I would also like to make the case that “Alice in Wonderland” — by far one of Tim Burton’s least interesting efforts, a naked and cynical ploy to take Lewis Carroll’s complex fantasy and repackage it as a Harry Potter-style adventure — deserves nothing it is nominated for. Best art direction? Best costume design? Unless you can posthumously give the award to illustrator John Tenniel, whom the film badly aped, you’re insulting the man.
 
I can’t complain too much about the bigger awards — best picture, best actor, etc. There’s some really fine work represented there, although I’ll be gob-walloped if I can explain why “The King’s Speech” seems such a favorite. It’s a good enough film — stately, endearingly acted, and nice to look at. But it’s just that; it’s just good enough. 

I do like seeing “Inception” on there as best picture. It won’t win — my God, would it be an upset of it did! But it’s the sort of film that gets people in a lather of frustration, and it’s, at best, a science-fiction action film tarted up with a big budget and some ingeniously dense — and probably nonsensical — plotting. It does the Academy good to put one of these on the ballot every few years, just to remind us that it doesn’t completely ignore genre filmmaking. Some of you are about to mention “True Grit,” which is up for a bunch of statuettes but is an oater. But the western turned into a prestige category sometime back in the ’50s, and nowadays almost all westerns that are made are Oscar contenders.
 
What was overlooked? Quite a lot. The documentary “Marwencol” went unnoticed. “I Am Love” was overlooked for all but costume design. “Carlos” is completely ignored. And while Michelle Williams is up for a best actress award for “Blue Valentine,” the film was otherwise shut out. It’s easy to make a list like this, as there is so much that escapes the Academy’s notice. I suspect this year’s epochal film will be Gaspar Noé‘s  “Enter the Void.” What was it nominated for? Nothing.
 
I’d also like to register my complaint, here and now, that Mark Wahlberg isn’t up for an Oscar for best actor for his work in “The Fighter.” Christian Bale got noticed — he netted a well-deserved best supporting actor nod. But his character, Dicky Eklund, is showy and drug-addicted, which the Academy always favors. Wahlberg’s character in the film, in the meanwhile, is mostly defined by physical action. He is slow to speak, but he’s in every scene, observing and evaluating, and, when he enters the boxing ring, he’s equally cautious. As a fighter, Wahlberg’s character is slow to start, and capable of taking enormous abuse as he figures things out, but, when he rises to action, devastating — just as he is everywhere else.

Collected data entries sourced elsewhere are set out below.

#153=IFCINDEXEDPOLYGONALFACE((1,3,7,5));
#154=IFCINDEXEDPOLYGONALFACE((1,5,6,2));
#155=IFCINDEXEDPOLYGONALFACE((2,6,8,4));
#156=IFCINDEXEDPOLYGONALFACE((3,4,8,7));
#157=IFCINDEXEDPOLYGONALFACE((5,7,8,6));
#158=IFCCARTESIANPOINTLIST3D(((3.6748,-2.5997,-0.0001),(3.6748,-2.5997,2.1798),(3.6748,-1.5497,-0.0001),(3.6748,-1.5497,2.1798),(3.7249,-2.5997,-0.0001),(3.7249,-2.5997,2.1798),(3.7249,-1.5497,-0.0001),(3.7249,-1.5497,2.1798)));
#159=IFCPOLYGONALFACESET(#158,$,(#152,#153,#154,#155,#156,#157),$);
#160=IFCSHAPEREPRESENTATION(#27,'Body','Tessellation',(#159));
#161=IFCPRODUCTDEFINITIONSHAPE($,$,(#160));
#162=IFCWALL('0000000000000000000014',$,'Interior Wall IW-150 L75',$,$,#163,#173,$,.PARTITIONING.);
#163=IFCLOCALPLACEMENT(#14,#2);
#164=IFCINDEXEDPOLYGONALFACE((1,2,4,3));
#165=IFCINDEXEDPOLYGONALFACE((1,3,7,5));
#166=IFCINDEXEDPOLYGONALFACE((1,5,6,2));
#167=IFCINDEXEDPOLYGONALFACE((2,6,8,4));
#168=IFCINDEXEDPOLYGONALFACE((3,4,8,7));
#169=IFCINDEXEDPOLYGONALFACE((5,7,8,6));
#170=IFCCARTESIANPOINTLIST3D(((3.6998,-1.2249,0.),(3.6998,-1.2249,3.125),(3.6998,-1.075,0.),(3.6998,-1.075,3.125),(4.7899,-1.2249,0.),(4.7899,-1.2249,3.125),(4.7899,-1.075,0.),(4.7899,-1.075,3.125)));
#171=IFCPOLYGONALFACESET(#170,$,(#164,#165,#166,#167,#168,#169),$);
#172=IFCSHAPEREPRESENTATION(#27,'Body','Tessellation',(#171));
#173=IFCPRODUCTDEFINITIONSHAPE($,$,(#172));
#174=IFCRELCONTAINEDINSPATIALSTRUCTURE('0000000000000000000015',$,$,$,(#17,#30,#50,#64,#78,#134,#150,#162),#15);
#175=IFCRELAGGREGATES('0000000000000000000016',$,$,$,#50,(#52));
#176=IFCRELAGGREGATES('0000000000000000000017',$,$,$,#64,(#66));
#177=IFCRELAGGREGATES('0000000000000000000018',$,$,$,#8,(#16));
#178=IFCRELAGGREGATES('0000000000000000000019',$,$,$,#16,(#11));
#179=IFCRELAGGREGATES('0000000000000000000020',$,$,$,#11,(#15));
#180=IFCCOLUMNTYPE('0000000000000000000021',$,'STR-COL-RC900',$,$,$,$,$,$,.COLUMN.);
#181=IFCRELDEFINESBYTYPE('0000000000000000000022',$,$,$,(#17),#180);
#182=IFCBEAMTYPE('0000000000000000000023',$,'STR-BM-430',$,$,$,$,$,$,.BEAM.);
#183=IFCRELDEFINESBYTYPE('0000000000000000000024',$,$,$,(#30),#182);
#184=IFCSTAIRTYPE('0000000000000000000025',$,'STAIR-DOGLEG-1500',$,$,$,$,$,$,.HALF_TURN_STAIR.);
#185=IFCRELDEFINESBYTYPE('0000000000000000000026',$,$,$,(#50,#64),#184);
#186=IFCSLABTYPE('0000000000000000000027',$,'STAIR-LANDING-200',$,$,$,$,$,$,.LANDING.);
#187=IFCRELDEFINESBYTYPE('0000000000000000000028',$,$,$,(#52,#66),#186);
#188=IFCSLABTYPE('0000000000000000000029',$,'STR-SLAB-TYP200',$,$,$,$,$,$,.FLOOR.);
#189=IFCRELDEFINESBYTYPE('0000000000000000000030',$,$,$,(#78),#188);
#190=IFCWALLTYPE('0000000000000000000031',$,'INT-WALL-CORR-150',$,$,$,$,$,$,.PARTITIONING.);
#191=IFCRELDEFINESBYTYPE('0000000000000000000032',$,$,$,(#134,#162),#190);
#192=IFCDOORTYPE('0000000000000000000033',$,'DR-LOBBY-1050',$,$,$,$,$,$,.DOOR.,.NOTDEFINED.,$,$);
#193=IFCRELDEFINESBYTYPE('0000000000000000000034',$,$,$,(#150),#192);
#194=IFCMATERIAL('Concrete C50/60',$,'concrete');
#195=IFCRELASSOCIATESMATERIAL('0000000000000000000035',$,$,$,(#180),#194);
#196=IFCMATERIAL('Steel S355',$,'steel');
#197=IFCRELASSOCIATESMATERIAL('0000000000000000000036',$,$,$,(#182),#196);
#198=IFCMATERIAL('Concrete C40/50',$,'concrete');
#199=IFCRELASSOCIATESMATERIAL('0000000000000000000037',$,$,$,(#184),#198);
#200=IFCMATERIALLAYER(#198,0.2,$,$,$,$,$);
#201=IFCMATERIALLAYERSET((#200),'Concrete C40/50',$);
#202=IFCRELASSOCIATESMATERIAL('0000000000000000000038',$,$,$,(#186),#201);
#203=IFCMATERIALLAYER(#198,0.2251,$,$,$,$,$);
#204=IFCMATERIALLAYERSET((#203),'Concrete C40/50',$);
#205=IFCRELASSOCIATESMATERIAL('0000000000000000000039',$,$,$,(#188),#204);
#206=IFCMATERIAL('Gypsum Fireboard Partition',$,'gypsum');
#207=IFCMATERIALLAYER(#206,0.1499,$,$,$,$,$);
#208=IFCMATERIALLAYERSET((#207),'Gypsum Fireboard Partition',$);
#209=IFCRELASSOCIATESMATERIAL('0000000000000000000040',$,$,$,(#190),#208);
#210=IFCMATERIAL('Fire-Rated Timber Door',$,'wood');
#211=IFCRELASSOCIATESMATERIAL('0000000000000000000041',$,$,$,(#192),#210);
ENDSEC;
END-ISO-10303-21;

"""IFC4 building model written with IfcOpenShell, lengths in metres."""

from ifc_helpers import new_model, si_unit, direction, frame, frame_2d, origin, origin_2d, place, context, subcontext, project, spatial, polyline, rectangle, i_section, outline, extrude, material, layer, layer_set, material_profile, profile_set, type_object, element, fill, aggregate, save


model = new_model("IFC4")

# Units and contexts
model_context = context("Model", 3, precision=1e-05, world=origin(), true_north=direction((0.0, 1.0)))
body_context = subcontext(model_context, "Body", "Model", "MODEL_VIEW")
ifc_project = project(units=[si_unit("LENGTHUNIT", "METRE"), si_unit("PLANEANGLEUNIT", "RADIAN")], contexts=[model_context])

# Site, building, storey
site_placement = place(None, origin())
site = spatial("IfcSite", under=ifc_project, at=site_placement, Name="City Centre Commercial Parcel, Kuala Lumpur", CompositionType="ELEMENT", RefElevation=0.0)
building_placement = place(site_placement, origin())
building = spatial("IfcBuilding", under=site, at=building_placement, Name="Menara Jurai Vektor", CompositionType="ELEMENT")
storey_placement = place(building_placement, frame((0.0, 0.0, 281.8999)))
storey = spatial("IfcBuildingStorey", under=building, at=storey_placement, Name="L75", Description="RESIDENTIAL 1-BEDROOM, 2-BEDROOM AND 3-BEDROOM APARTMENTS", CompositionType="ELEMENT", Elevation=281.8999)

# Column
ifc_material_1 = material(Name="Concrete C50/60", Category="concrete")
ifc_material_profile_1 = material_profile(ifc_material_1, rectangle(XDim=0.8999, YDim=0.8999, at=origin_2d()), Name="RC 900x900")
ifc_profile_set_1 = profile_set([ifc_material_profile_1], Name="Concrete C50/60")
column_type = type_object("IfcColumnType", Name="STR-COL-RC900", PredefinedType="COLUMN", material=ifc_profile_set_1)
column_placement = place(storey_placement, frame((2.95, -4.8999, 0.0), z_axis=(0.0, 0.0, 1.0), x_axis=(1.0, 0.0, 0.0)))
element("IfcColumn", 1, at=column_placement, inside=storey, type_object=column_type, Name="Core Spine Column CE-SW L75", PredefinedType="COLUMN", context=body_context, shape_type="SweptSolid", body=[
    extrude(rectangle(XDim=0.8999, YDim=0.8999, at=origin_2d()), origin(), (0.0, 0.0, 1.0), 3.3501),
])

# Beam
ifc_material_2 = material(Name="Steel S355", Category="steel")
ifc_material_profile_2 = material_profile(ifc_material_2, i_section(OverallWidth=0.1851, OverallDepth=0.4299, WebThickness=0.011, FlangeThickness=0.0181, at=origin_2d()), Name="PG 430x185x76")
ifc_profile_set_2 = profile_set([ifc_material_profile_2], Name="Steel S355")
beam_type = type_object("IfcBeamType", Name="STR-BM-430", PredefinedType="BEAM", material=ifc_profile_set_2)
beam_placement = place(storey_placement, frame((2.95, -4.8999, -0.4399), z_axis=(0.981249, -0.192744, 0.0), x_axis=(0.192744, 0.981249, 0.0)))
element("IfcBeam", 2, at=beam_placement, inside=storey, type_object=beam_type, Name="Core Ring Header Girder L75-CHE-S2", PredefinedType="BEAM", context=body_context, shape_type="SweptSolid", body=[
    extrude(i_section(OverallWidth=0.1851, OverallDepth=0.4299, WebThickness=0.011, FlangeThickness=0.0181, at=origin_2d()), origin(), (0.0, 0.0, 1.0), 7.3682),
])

As Wahlberg is already a muscular fellow, it’s easy to mistake his performance in the film for offering nothing but the spectacle of the actor standing around with his shirt off. But, instead, Wahlberg offers up something more. He expresses his character almost entirely through his physciality, making it a metaphor for the entire film. I suspect his performance was overlooked for two reasons — firstly, because he’s the former Marky Mark, and Hollywood apparently hasn’t noticed just how much excellent film work he’s done. And, secondly, as I mentioned, the Academy is spectactularly bad at knowing art when it sees it.